January 11, 2015 at 10:04 pm

Taylor’s has a chance , but the one decimal place calculations of the lengths of the sloping lines is hiding the “facts”. Also, the measurements should all have been taken from the supposed centre.

It would have been better if they had had a look at the possibilities of matching sides being parallel. Another way of looking at it is that in a dilation the line segments are dilated by the same factor. is this the case?

howardat58

January 11, 2015 at 10:10 pm

Second thoughts: Take one of the joined up ones first and let them figure out that the point C’ could have been somewhere else on the middle line (might need some prodding). Then they might see that some measurement is needed.

jwilson828

January 12, 2015 at 8:22 pm

This is what I’m thinking about, too.

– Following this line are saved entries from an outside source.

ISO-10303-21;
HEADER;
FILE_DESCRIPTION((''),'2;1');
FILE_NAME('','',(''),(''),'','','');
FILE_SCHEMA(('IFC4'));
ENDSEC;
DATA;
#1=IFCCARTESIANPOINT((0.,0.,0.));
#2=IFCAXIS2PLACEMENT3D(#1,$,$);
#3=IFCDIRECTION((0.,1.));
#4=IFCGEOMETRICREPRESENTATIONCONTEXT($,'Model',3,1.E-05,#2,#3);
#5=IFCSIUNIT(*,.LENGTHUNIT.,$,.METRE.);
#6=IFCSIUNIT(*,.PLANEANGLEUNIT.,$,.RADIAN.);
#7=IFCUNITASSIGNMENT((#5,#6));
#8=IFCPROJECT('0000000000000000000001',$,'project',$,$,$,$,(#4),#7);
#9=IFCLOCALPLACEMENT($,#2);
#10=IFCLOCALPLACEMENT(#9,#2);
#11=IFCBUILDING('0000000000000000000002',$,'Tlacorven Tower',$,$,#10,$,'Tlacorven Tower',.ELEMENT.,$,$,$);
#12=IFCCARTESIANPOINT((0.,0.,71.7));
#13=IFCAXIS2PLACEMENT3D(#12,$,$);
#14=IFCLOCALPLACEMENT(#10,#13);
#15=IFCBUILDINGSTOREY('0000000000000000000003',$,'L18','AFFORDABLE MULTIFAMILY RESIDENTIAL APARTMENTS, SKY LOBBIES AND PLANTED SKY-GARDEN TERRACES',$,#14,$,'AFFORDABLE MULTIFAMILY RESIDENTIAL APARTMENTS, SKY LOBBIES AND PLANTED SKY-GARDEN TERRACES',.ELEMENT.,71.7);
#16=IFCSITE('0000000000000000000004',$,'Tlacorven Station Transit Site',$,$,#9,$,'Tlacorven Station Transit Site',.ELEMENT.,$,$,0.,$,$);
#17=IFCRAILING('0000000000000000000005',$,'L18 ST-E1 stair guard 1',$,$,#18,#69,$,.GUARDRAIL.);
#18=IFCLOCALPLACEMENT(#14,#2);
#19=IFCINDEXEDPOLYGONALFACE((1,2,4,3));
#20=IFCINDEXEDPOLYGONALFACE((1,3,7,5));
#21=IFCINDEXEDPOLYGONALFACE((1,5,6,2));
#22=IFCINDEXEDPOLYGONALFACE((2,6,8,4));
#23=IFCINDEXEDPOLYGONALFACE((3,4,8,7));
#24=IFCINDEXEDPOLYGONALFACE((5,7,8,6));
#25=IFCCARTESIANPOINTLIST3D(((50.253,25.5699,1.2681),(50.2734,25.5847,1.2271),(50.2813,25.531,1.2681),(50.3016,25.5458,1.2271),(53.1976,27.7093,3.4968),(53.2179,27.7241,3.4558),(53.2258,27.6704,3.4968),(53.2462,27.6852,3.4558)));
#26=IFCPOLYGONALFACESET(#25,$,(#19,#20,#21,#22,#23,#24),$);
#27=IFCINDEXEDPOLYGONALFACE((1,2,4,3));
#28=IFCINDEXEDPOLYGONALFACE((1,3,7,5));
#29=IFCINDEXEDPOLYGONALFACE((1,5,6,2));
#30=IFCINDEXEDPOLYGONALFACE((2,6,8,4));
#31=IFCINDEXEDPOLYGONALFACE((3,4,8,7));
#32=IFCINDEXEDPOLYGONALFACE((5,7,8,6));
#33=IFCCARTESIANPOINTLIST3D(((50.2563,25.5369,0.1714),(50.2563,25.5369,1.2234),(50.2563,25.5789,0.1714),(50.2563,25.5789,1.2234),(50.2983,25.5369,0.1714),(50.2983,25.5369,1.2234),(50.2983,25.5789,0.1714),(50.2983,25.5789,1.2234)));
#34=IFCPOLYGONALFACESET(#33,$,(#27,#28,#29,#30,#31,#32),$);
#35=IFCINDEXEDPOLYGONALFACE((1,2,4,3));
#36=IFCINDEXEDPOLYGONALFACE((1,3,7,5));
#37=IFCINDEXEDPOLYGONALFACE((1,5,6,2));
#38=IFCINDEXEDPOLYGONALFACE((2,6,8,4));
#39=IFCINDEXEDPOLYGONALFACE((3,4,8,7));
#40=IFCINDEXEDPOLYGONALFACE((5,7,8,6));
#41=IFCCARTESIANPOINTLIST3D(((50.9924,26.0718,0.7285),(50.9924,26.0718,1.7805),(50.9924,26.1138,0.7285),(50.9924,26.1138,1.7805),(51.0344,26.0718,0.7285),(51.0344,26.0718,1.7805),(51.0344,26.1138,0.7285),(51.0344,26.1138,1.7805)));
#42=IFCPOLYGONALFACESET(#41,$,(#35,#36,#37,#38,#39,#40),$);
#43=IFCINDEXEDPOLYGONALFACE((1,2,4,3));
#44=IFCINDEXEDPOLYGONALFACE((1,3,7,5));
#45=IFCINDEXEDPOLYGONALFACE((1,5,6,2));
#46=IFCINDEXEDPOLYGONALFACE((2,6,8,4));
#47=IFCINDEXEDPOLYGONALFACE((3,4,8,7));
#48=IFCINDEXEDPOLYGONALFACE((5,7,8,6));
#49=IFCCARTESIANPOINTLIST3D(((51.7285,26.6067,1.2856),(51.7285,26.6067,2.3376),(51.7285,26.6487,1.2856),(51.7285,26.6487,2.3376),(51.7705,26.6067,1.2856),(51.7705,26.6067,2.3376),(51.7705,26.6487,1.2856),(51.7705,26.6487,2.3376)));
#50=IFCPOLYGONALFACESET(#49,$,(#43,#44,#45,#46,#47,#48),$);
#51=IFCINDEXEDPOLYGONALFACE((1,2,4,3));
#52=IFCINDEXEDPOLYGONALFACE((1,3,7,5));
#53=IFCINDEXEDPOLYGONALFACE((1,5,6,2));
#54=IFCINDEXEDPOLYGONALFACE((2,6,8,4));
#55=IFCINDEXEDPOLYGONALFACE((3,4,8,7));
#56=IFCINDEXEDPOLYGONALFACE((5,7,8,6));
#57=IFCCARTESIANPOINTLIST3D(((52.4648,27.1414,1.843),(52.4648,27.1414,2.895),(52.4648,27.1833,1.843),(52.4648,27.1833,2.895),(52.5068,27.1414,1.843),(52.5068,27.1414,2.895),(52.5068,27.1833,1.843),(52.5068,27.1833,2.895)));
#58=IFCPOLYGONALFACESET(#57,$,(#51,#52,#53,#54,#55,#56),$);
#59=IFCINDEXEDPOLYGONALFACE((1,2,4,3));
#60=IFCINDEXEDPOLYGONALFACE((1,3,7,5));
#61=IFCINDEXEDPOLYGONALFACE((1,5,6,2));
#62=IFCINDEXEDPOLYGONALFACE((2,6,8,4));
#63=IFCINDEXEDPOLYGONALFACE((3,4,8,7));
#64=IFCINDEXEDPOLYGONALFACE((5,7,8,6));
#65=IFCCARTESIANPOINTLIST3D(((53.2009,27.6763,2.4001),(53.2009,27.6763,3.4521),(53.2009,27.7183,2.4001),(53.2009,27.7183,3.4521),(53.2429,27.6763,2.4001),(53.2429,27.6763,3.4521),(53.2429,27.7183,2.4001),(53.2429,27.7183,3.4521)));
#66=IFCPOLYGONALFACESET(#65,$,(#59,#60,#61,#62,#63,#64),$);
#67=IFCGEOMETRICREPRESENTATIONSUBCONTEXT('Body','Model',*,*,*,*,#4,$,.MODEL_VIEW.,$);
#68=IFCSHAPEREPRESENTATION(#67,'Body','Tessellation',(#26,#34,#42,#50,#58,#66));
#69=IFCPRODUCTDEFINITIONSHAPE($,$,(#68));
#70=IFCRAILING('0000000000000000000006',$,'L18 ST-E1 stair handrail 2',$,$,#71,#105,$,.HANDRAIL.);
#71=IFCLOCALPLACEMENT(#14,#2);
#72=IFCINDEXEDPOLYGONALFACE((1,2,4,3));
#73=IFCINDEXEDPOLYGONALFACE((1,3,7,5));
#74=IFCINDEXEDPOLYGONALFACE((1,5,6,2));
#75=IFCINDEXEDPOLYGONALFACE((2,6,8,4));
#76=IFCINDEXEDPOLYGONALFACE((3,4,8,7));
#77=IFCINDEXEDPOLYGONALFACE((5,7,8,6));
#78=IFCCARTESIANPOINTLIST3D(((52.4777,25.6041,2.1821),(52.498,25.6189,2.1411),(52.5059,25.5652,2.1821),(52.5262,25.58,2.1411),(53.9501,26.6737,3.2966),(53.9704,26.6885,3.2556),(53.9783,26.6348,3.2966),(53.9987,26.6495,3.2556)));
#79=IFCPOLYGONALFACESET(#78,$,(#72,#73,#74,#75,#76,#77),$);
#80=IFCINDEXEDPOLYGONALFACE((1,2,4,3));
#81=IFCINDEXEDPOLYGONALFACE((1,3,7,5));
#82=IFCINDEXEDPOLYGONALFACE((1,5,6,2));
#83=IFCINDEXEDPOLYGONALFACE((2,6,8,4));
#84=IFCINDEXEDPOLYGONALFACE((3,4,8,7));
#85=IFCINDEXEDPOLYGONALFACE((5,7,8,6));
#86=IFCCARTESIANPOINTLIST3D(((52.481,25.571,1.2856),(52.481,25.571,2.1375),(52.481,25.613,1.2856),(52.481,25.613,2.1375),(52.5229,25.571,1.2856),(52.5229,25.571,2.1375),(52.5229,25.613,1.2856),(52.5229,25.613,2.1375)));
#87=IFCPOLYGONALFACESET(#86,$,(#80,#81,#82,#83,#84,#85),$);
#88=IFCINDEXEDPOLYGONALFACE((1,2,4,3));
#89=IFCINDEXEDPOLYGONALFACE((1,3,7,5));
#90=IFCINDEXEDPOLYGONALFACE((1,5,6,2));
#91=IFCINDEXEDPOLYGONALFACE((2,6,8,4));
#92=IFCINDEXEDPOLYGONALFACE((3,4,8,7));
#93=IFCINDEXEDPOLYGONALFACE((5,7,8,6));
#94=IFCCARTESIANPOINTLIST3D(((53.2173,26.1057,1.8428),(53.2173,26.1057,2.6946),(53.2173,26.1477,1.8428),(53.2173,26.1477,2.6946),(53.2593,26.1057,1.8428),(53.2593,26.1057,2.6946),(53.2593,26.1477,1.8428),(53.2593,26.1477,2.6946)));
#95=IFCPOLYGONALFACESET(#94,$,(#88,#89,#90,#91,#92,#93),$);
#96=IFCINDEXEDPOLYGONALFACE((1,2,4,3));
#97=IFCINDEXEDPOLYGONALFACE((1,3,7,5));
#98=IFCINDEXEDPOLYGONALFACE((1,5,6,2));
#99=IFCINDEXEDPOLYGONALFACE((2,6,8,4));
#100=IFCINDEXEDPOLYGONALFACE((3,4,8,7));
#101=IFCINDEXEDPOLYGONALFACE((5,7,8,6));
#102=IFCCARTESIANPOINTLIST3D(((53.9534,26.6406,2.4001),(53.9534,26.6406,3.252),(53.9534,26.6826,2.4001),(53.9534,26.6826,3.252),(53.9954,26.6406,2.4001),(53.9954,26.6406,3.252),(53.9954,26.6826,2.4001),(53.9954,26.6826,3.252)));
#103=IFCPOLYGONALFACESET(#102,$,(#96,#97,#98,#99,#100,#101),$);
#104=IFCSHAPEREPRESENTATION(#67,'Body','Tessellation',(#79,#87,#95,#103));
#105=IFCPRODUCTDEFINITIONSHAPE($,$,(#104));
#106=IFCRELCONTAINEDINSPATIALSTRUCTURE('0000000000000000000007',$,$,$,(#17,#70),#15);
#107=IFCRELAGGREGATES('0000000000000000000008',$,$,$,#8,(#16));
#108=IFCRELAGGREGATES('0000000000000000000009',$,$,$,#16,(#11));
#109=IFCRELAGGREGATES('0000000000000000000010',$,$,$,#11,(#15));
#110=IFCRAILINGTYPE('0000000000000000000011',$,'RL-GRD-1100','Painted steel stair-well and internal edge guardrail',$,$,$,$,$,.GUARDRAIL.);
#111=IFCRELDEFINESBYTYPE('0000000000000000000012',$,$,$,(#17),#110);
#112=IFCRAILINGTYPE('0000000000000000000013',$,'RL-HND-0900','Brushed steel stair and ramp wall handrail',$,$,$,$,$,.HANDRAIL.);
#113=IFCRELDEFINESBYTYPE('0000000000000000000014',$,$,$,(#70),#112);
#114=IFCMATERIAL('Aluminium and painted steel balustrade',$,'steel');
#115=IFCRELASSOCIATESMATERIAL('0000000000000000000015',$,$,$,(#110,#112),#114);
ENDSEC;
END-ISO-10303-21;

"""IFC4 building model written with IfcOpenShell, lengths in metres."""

from ifc_helpers import new_model, si_unit, direction, frame, origin, origin_2d, place, context, subcontext, project, spatial, rectangle, extrude, source, transform, mapped, material, type_object, element, save


model = new_model("IFC4")

# Units and contexts
model_context = context("Model", 3, precision=1e-05, world=origin(), true_north=direction((0.0, 1.0)))
body_context = subcontext(model_context, "Body", "Model", "MODEL_VIEW")
ifc_project = project(units=[si_unit("LENGTHUNIT", "METRE"), si_unit("PLANEANGLEUNIT", "RADIAN")], contexts=[model_context])

# Site, building, storey
site_placement = place(None, origin())
site = spatial("IfcSite", under=ifc_project, at=site_placement, Name="Tlacorven Station Transit Site", LongName="Tlacorven Station Transit Site", CompositionType="ELEMENT", RefElevation=0.0)
building_placement = place(site_placement, origin())
building = spatial("IfcBuilding", under=site, at=building_placement, Name="Tlacorven Tower", LongName="Tlacorven Tower", CompositionType="ELEMENT")
storey_placement = place(building_placement, frame((0.0, 0.0, 71.7)))
storey = spatial("IfcBuildingStorey", under=building, at=storey_placement, Name="L18", Description="AFFORDABLE MULTIFAMILY RESIDENTIAL APARTMENTS, SKY LOBBIES AND PLANTED SKY-GARDEN TERRACES", LongName="AFFORDABLE MULTIFAMILY RESIDENTIAL APARTMENTS, SKY LOBBIES AND PLANTED SKY-GARDEN TERRACES", CompositionType="ELEMENT", Elevation=71.7)

# Railings
ifc_material_1 = material(Name="Aluminium and painted steel balustrade", Category="steel")
railing_type_1 = type_object("IfcRailingType", Name="RL-GRD-1100", Description="Painted steel stair-well and internal edge guardrail", PredefinedType="GUARDRAIL", material=ifc_material_1)
railing_type_2 = type_object("IfcRailingType", Name="RL-HND-0900", Description="Brushed steel stair and ramp wall handrail", PredefinedType="HANDRAIL", material=ifc_material_1)
shared_shape_1 = source(origin(), body_context, "Body", "SweptSolid", [
    extrude(rectangle(XDim=0.0481, YDim=0.0481, at=origin_2d()), frame((0.0, 0.0, 1.0762), z_axis=(0.689936, 0.501278, 0.522215), x_axis=(-0.587793, 0.809012, 0.0)), (0.0, 0.0, 1.0), 4.2678),
    extrude(rectangle(XDim=0.042, YDim=0.042, at=origin_2d()), origin(), (0.0, 0.0, 1.0), 1.052),
    extrude(rectangle(XDim=0.042, YDim=0.042, at=origin_2d()), frame((0.7361, 0.5349, 0.5571)), (0.0, 0.0, 1.0), 1.052),
    extrude(rectangle(XDim=0.042, YDim=0.042, at=origin_2d()), frame((1.4722, 1.0698, 1.1143)), (0.0, 0.0, 1.0), 1.052),
    extrude(rectangle(XDim=0.042, YDim=0.042, at=origin_2d()), frame((2.2085, 1.6045, 1.6716)), (0.0, 0.0, 1.0), 1.052),
    extrude(rectangle(XDim=0.042, YDim=0.042, at=origin_2d()), frame((2.9446, 2.1394, 2.2288)), (0.0, 0.0, 1.0), 1.052),
])
railing_1_placement = place(storey_placement, frame((50.2773, 25.5579, 0.1714)))
element("IfcRailing", 1, at=railing_1_placement, inside=storey, type_object=railing_type_1, Name="L18 ST-E1 stair guard 1", PredefinedType="GUARDRAIL", context=body_context, shape_type="MappedRepresentation", body=[
    mapped(shared_shape_1, transform((0.0, 0.0, 0.0), scale=1.0)),
])
shared_shape_2 = source(origin(), body_context, "Body", "SweptSolid", [
    extrude(rectangle(XDim=0.0481, YDim=0.0481, at=origin_2d()), frame((0.0, 0.0, 0.876), z_axis=(0.689966, 0.5012, 0.522251), x_axis=(-0.587717, 0.809067, 0.0)), (0.0, 0.0, 1.0), 2.134),
    extrude(rectangle(XDim=0.042, YDim=0.042, at=origin_2d()), origin(), (0.0, 0.0, 1.0), 0.8518),
    extrude(rectangle(XDim=0.042, YDim=0.042, at=origin_2d()), frame((0.7363, 0.5347, 0.5571)), (0.0, 0.0, 1.0), 0.8518),
    extrude(rectangle(XDim=0.042, YDim=0.042, at=origin_2d()), frame((1.4724, 1.0696, 1.1145)), (0.0, 0.0, 1.0), 0.8518),
])
railing_2_placement = place(storey_placement, frame((52.502, 25.592, 1.2856)))
element("IfcRailing", 2, at=railing_2_placement, inside=storey, type_object=railing_type_2, Name="L18 ST-E1 stair handrail 2", PredefinedType="HANDRAIL", context=body_context, shape_type="MappedRepresentation", body=[
    mapped(shared_shape_2, transform((0.0, 0.0, 0.0), scale=1.0)),
])

save(model, "model.ifc")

How would it look for “center”, A, A be collinear’; “center”, B, B’ be collinear; and “center”, C, C’ be collinear but the figures not similar? Thanks!

howardat58

January 20, 2015 at 1:38 pm

The three “collinear’s” are necessary for dilation, but not sufficient (ie, not enough). Must have matching sides parallel as well. Or using O for the centre, OA’/OA = OB’/OB = OC’/OC does the job.

If you think about dilation as expansion equally in all directions, like heating up a sheet of metal, you can see ( takes a little time !) that every point can be considered as the centre. (not of course when the dilated image is specified.

howardat58

January 12, 2015 at 8:58 am

Third thoughts: Could you tie this in with scale models, and maps ?